Colômbia: as primeiras eleições legislativas com uma Farc sem armas deixaram o terreno preparado para a disputa de quem substituirá o presidente Juan Manuel Santos (Carlos Julio Martinez/Reuters)
AFP
Publicado em 12 de março de 2018 às 12h33.
Uma direita dura, que vence, mas não arrasa, uma ex-guerrilha castigada nas urnas e o histórico avanço do centro e da esquerda: a Colômbia configurou um novo Congresso antes de eleger seu próximo presidente, em maio.
Embora mais uma vez a abstenção tenha superado a barreiras dos 50%, as primeiras eleições legislativas com uma Farc sem armas deixaram o terreno preparado para a disputa de quem substituirá o presidente Juan Manuel Santos.
E se confirmou que, após a vitória do ex-guerrilheiro e ex-prefeito de Bogotá Gustavo Petro na consulta interpartidária, a esquerda tem pela primeira vez chances reais de poder.
Ex-ministro implacável da Defesa, Santos conseguiu o que parecia impossível antes de sua chegada à Presidência em 2010: um acordo de paz com o grupo rebelde mais poderoso da América, que ostentava um Exército de sete mil combatentes financiado pelo narcotráfico.
As agora desmobilizadas Forças Armadas Revolucionárias da Colômbia (Farc) se transformaram em partido e estão perto de iniciar a confissão de seus crimes, assim como a indenização de suas milhares de vítimas.

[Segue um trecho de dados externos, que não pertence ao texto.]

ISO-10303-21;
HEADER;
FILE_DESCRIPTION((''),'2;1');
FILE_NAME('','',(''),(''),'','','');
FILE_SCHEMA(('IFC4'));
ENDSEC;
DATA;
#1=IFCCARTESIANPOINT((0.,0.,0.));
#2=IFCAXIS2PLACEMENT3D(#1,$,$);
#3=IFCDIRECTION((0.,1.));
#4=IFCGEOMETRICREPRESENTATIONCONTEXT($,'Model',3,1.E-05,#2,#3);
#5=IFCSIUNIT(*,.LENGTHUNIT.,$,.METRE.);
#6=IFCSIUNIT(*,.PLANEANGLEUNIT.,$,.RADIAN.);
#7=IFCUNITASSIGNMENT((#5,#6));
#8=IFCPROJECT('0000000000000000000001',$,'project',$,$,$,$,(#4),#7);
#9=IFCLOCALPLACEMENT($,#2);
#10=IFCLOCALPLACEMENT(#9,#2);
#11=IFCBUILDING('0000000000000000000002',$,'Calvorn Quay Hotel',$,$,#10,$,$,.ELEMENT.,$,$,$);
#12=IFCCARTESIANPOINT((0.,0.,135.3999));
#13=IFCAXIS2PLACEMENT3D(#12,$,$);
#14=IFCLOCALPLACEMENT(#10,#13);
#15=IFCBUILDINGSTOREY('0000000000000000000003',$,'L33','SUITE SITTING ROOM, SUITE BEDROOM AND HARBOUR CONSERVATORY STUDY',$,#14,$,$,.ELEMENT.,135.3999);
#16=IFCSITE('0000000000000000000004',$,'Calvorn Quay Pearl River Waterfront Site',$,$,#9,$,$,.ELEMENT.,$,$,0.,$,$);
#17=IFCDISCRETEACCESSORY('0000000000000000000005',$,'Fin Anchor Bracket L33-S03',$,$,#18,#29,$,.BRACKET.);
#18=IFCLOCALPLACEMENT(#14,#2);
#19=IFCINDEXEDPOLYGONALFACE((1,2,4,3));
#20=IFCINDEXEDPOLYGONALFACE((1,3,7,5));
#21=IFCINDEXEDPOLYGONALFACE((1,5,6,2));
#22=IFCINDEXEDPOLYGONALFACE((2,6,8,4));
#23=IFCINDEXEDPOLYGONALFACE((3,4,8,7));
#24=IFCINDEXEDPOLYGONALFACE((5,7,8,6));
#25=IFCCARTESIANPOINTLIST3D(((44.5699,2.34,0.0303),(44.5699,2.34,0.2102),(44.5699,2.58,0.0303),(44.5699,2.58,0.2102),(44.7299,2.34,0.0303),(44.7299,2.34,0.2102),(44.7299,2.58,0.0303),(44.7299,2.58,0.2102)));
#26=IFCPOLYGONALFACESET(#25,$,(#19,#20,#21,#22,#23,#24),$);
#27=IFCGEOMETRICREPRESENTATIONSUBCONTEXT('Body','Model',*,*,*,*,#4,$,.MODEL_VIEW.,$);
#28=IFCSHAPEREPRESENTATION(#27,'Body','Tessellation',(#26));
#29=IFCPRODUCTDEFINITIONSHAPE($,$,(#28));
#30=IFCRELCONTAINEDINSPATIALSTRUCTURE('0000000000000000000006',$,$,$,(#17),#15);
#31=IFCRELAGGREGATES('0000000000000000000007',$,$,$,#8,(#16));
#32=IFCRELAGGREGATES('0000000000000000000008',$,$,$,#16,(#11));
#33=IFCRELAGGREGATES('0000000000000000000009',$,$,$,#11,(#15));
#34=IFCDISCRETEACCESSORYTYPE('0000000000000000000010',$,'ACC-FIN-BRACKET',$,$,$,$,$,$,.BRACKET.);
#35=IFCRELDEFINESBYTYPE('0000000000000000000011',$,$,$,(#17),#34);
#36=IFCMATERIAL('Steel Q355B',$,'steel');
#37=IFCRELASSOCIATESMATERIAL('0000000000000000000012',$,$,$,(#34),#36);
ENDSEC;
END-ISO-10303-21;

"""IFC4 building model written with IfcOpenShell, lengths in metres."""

from ifc_helpers import new_model, si_unit, direction, frame, origin, origin_2d, place, context, subcontext, project, spatial, rectangle, extrude, material, type_object, element, save


model = new_model("IFC4")

# Units and contexts
model_context = context("Model", 3, precision=1e-05, world=origin(), true_north=direction((0.0, 1.0)))
body_context = subcontext(model_context, "Body", "Model", "MODEL_VIEW")
ifc_project = project(units=[si_unit("LENGTHUNIT", "METRE"), si_unit("PLANEANGLEUNIT", "RADIAN")], contexts=[model_context])

# Site, building, storey
site_placement = place(None, origin())
site = spatial("IfcSite", under=ifc_project, at=site_placement, Name="Calvorn Quay Pearl River Waterfront Site", CompositionType="ELEMENT", RefElevation=0.0)
building_placement = place(site_placement, origin())
building = spatial("IfcBuilding", under=site, at=building_placement, Name="Calvorn Quay Hotel", CompositionType="ELEMENT")
storey_placement = place(building_placement, frame((0.0, 0.0, 135.3999)))
storey = spatial("IfcBuildingStorey", under=building, at=storey_placement, Name="L33", Description="SUITE SITTING ROOM, SUITE BEDROOM AND HARBOUR CONSERVATORY STUDY", CompositionType="ELEMENT", Elevation=135.3999)

# Discrete accessory
ifc_material_1 = material(Name="Steel Q355B", Category="steel")
discrete_accessory_type = type_object("IfcDiscreteAccessoryType", Name="ACC-FIN-BRACKET", PredefinedType="BRACKET", material=ifc_material_1)
discrete_accessory_placement = place(storey_placement, frame((44.6499, 2.46, 0.0303), z_axis=(0.0, 0.0, 1.0), x_axis=(0.0, 1.0, 0.0)))
element("IfcDiscreteAccessory", 1, at=discrete_accessory_placement, inside=storey, type_object=discrete_accessory_type, Name="Fin Anchor Bracket L33-S03", PredefinedType="BRACKET", context=body_context, shape_type="SweptSolid", body=[
    extrude(rectangle(XDim=0.24, YDim=0.1599, at=origin_2d()), origin(), (0.0, 0.0, 1.0), 0.1799),
])

save(model, "model.ifc")
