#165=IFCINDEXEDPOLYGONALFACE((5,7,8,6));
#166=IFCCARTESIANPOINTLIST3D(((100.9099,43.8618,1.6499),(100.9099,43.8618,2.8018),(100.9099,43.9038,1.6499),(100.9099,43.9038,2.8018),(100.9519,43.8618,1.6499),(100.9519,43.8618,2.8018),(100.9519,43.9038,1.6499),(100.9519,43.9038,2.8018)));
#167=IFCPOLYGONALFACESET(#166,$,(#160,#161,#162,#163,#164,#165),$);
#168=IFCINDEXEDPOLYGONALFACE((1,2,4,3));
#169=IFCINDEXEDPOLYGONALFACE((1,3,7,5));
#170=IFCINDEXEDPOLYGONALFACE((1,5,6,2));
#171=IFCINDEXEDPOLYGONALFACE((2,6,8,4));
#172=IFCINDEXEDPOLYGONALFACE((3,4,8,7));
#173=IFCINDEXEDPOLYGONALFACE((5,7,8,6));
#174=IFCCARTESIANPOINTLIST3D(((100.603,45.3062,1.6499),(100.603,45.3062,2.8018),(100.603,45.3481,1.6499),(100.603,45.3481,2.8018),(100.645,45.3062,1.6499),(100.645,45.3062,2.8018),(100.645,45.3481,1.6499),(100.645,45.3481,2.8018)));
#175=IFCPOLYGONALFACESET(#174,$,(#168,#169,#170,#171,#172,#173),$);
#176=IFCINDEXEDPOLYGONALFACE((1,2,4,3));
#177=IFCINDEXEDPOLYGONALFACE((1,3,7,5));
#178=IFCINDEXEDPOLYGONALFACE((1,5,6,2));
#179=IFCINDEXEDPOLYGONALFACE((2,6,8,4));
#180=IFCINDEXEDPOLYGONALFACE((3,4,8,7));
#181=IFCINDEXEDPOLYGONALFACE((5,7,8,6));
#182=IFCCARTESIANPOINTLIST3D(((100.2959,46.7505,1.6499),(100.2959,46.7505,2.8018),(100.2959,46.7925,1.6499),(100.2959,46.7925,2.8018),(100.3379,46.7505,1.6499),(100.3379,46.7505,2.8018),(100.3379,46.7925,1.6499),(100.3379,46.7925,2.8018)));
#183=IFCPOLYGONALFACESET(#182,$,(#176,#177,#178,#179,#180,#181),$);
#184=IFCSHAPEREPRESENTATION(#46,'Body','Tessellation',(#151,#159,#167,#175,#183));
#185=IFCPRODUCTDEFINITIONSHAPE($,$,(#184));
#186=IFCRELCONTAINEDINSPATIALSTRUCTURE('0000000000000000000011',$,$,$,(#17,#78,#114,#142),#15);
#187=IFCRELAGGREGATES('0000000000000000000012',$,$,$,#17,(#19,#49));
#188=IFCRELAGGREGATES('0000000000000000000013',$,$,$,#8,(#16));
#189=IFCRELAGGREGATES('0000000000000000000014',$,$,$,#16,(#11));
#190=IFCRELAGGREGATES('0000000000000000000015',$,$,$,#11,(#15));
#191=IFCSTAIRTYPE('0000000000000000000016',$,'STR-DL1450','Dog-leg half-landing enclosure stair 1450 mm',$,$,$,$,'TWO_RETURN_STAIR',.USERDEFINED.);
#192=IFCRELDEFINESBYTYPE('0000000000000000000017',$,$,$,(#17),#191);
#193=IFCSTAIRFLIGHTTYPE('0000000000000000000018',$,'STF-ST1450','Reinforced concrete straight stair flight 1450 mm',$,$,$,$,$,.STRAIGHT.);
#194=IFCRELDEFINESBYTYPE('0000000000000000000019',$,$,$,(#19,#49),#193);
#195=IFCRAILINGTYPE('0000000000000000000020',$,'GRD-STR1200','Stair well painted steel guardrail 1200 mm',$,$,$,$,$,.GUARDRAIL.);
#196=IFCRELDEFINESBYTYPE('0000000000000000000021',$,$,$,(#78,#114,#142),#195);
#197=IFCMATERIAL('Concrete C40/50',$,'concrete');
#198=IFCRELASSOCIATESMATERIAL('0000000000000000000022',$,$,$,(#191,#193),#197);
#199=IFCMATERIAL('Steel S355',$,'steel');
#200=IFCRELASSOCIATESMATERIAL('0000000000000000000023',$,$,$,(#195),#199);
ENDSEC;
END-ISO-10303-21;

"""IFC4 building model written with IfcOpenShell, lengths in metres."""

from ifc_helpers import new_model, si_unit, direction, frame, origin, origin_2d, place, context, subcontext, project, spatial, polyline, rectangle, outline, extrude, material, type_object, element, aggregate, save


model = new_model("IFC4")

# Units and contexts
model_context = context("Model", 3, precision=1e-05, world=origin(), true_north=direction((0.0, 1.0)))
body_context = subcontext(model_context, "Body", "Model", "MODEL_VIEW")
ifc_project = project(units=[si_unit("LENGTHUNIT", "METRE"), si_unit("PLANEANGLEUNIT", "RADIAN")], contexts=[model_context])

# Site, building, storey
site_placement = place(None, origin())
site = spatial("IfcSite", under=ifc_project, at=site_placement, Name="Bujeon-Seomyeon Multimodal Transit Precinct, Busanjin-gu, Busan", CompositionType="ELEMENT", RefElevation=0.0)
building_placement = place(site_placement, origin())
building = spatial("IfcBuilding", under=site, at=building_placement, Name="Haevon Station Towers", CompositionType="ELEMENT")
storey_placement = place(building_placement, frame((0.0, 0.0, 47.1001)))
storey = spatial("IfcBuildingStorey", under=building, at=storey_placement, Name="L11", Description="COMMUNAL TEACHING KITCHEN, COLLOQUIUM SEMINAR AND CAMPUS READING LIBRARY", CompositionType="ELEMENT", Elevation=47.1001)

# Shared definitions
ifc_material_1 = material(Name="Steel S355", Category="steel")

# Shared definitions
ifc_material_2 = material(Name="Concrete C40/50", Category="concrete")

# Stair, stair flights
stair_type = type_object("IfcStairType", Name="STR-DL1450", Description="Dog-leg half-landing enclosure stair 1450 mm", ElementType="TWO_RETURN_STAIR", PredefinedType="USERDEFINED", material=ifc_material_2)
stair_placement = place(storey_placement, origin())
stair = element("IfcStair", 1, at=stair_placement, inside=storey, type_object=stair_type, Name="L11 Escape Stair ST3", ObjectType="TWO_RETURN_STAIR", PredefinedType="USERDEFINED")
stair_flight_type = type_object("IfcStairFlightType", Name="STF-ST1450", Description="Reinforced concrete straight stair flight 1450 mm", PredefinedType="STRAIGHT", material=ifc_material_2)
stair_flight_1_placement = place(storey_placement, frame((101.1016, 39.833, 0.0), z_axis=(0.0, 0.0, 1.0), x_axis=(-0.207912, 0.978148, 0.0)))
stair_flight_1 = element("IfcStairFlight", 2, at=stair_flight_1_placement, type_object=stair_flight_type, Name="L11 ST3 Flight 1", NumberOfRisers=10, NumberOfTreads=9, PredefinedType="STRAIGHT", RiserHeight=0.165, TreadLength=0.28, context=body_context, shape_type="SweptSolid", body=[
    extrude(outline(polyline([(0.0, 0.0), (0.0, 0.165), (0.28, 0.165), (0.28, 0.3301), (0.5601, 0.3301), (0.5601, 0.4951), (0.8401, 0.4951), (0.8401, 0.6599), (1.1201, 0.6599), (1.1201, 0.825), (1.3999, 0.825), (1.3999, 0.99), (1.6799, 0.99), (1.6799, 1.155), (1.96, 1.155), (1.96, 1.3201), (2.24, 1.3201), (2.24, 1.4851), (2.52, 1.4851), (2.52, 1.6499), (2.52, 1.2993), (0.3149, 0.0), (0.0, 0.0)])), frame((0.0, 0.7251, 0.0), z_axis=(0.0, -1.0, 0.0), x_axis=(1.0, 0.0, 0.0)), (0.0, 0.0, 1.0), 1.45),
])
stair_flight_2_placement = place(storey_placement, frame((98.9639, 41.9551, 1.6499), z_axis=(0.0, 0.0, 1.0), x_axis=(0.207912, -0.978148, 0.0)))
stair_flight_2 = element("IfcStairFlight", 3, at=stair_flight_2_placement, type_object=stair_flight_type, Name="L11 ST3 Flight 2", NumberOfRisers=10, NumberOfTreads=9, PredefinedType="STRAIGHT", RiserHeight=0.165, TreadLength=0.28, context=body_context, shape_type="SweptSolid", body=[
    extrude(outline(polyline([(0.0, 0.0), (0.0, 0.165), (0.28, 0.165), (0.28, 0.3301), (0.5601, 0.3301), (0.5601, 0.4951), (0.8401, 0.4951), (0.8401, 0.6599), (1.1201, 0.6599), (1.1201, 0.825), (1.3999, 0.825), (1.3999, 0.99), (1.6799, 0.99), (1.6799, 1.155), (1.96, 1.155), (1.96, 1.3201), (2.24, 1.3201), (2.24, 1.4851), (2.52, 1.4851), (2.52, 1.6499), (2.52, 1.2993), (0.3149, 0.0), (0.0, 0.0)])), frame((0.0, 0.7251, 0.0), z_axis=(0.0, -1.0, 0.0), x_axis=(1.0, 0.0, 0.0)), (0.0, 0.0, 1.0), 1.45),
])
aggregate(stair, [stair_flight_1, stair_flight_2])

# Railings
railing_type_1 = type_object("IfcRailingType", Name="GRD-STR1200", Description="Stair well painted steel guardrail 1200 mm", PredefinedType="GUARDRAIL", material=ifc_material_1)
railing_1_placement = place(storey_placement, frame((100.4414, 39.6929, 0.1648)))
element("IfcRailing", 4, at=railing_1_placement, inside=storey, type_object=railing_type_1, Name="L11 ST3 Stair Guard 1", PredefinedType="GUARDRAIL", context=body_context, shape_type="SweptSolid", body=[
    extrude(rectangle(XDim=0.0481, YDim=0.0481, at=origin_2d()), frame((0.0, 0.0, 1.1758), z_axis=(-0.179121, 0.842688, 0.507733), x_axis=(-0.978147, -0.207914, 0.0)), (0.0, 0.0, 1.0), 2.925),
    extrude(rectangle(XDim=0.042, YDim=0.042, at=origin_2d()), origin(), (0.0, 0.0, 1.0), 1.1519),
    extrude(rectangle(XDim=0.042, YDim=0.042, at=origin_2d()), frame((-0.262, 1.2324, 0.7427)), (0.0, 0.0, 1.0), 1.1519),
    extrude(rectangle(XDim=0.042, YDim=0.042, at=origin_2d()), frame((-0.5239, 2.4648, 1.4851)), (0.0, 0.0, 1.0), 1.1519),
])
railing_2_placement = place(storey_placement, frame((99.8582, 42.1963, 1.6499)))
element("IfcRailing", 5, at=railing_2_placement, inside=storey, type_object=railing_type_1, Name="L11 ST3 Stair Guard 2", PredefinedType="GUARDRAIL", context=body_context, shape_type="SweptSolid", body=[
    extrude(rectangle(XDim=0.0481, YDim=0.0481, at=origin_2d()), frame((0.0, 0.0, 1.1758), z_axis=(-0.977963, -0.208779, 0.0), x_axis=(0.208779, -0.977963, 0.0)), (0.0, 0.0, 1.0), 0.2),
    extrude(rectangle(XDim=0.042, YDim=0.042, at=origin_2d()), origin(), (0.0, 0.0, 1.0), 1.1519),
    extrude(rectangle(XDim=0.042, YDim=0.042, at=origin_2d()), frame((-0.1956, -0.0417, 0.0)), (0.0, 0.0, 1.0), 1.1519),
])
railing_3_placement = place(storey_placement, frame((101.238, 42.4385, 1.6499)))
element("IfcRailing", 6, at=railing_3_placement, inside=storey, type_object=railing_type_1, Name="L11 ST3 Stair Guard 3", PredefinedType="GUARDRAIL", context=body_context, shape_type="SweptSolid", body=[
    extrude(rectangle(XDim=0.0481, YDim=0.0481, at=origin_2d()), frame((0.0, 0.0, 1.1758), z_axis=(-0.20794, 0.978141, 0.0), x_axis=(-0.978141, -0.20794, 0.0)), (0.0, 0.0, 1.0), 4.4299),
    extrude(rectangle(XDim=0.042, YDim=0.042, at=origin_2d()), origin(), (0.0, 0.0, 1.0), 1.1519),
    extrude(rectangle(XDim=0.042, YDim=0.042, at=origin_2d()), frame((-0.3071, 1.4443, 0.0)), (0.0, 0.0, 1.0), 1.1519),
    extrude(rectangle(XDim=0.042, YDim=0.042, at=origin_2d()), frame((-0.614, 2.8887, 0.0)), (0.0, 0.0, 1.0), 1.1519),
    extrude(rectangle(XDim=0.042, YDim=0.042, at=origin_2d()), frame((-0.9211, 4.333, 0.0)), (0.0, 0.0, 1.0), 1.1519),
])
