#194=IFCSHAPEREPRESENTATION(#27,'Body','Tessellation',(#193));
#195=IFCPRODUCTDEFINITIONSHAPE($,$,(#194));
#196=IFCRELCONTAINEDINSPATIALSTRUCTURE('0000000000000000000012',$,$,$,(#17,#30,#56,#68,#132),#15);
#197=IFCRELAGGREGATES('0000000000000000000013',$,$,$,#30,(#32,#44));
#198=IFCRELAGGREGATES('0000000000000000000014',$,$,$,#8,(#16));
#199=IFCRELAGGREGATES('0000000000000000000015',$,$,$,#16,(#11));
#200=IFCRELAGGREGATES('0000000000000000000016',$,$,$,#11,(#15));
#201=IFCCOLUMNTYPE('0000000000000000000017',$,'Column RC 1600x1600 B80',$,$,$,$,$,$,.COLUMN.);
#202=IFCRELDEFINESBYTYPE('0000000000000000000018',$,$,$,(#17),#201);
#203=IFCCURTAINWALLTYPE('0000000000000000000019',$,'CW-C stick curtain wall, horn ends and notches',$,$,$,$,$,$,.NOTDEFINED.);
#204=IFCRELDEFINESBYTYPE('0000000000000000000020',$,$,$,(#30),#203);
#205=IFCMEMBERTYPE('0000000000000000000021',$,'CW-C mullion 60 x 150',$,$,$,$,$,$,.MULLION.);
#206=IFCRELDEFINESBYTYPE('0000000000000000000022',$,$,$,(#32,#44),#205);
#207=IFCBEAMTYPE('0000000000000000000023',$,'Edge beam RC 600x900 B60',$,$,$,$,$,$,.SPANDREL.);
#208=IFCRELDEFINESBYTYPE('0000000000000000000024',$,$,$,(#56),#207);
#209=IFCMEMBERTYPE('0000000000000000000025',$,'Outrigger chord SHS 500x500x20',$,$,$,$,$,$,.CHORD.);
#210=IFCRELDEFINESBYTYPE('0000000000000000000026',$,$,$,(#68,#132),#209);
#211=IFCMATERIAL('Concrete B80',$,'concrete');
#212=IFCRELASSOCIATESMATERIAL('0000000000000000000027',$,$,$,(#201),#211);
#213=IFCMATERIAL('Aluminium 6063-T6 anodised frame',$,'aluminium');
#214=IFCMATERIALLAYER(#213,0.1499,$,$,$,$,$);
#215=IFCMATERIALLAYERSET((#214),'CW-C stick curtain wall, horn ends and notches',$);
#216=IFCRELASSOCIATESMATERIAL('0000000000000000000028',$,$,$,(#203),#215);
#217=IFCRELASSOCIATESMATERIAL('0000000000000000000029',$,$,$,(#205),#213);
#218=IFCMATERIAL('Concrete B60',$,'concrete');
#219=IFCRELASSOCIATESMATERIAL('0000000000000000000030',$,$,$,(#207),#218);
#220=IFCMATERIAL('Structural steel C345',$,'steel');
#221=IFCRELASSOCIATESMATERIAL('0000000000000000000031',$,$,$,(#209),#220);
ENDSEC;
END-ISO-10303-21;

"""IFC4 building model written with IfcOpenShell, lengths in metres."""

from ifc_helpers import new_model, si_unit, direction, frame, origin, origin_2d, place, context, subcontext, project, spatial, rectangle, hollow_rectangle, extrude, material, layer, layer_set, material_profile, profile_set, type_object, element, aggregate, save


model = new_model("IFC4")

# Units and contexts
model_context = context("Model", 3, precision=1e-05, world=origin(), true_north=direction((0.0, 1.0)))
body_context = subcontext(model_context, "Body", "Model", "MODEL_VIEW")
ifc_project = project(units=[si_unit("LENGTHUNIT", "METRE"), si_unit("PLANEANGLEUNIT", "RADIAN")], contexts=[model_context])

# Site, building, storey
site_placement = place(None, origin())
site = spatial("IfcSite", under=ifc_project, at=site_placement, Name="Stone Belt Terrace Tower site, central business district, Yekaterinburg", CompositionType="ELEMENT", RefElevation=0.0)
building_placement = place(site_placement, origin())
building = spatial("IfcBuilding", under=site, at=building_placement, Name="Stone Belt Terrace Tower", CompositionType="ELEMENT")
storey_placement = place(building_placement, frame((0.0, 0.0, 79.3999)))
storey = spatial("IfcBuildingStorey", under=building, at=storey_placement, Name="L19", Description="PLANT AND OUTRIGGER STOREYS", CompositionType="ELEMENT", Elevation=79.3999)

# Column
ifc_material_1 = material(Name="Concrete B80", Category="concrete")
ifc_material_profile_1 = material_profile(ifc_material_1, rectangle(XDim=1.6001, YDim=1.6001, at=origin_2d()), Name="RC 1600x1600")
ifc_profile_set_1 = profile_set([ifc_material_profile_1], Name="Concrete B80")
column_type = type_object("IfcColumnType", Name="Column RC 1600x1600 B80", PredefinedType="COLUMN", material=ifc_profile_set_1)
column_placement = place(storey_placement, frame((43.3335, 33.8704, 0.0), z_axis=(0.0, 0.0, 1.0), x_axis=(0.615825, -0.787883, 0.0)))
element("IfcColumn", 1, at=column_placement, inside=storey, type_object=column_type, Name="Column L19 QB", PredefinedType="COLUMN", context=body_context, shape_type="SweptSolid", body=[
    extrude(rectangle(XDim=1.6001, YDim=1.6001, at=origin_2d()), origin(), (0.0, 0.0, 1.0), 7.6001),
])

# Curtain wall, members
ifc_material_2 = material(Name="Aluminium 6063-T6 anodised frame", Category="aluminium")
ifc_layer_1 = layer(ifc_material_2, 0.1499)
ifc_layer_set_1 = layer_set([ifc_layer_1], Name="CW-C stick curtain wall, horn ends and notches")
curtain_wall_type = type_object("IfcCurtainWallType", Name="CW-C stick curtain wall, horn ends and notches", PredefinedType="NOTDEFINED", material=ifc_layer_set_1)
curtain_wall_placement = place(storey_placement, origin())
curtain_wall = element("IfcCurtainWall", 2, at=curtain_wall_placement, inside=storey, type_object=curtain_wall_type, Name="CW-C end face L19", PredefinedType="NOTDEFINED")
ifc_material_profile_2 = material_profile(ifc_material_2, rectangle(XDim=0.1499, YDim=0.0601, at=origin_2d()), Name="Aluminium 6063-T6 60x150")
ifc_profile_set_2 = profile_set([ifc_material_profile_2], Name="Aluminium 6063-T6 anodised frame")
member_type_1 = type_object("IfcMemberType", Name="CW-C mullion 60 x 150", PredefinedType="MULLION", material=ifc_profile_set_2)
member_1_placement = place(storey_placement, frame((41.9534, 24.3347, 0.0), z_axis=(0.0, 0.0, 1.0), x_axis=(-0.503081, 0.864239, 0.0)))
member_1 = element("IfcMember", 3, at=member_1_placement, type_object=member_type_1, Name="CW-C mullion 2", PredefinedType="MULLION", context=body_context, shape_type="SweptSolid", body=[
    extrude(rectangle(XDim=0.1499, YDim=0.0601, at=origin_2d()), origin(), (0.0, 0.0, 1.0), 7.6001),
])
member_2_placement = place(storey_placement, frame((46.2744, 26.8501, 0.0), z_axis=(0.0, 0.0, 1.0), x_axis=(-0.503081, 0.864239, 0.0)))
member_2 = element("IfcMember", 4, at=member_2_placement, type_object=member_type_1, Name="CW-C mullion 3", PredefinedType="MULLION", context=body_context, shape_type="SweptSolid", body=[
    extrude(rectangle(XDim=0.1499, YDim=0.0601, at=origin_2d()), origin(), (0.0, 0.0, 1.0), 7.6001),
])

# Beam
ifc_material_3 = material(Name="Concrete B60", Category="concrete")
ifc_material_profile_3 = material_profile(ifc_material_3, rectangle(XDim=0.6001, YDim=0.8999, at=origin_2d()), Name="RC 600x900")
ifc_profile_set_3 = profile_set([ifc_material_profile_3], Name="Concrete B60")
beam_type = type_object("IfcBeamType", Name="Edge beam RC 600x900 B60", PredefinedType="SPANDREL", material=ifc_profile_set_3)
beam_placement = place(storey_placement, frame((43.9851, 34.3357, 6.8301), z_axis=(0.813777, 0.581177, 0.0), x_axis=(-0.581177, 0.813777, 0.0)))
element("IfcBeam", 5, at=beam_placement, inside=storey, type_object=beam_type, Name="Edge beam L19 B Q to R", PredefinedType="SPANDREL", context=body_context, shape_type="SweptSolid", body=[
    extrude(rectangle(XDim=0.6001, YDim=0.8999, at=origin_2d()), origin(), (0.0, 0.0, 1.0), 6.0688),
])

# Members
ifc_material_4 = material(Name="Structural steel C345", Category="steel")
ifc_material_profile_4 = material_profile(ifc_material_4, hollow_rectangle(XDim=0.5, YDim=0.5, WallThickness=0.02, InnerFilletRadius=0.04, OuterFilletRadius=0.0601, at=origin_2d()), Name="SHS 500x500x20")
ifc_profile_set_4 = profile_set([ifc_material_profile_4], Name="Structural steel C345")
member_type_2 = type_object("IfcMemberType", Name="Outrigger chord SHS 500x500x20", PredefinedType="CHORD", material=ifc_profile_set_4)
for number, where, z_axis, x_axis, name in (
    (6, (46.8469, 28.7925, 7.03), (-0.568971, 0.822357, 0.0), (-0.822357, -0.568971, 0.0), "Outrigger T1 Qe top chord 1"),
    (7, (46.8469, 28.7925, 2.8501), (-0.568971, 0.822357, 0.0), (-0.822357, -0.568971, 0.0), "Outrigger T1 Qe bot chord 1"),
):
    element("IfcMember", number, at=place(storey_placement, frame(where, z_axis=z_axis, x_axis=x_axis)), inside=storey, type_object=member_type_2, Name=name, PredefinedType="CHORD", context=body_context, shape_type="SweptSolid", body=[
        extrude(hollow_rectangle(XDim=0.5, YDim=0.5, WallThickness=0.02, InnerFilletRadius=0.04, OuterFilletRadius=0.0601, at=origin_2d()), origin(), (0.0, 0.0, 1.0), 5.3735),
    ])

Enquanto o mundo abraçou sua iniciativa e até o agraciou com o Nobel da Paz, na Colômbia, porém, sua popularidade não chega a 20%, e a coalizão, com a qual governou, está praticamente enterrada.
Seu partido saiu derrotado das mãos da direita que mais questiona o presidente pelo que considera ser um tratamento indulgente para com os rebeldes marxistas.
O Partido da Unidade Nacional perdeu 19 cadeiras em relação à eleição passada e sequer concorrerá com candidato próprio para a eleição presidencial.
Álvaro Uribe se consolidou como o grande eleitor do país.
Não apenas foi o mais votado ao Congresso, com 870.000 votos, como seu partido deu uma virada de mesa no Parlamento, e seu afilhado político, Iván Duque, agora pisa mais forte na corrida presidencial.
Com uma mensagem de rejeição ao acordo de paz e de medo de que a Colômbia se transforme em uma Venezuela, Uribe conseguiu posicionar seu partido Centro Democrático (de direita) como o mais votado do Congresso.
Apesar de sua vitória não ter sido a "surra" prevista pelas pesquisas, seu movimento se tornou a principal força no Senado (19). Na Câmara de Representantes, foi a segunda lista mais votada, atrás do Partido Liberal, com 32 cadeiras - 13 a mais do que na presente legislatura.
"Ele continua sendo o mais votado, porque é um líder que tem capacidade de influência alta em um setor da população", explicou o professor Alejo Vargas, da Universidade Nacional.
Certamente votarão com Uribe Cambio Radical (de centro-direita) e setores do Partido Conservador, que criticaram trechos do acordo firmado com os rebeldes comunistas.
Os três movimentos somam 134 das 280 cadeiras no Parlamento. Na atual legislatura, contam com 109 assentos.
Contra todas as previsões, esquerda e centro alcançaram uma representação histórica. Antes das votações, ambas as correntes penavam para manter sua representação.
Agora, ambas as facções que apoiam o acordo de paz obtiveram 34 cadeiras no Congresso. Se forem somadas as da ex-guerrilha, chegam a 44.
Estarão representadas, principalmente, pelos esquerdistas Polo Democrático Alternativo e Lista da Decência, que estreou nesta campanha, além da Aliança Verde (de centro).
"A centro-esquerda é o setor que mais avança, em relação ao que aconteceu em 2014", disse o diretor do Observatório para Processos Eleitorais da Universidade de Rosário, Yann Basset.
Com uma rosa vermelha como símbolo de reconciliação, a Força Alternativa Revolucionária do Comum (Farc), o partido surgido do pacto de paz, teve uma discretíssima estreia eleitoral.
Apesar da dez cadeiras já previstas no acordo de paz, os ex-rebeldes comunistas quiseram aumentar sua representação. Tentativa frustrada: conquistaram apenas 0,5% dos votos (85.094).
Esse resultado "reflete o pouco apoio e até a hostilidade que há na opinião pública da Colômbia contra as Farc", explicou Basset.
Os ex-guerrilheiros receberam um sonoro castigo que também se refletiu no sólido apoio que receberam as forças de direita que mais criticam e que até propõem endurecer o pacto de paz para que os responsáveis por crimes atrozes cumpram um mínimo de tempo na prisão.
Por enquanto, os rebeldes do passado são "uma força política relativamente marginal", enfatizou o especialista.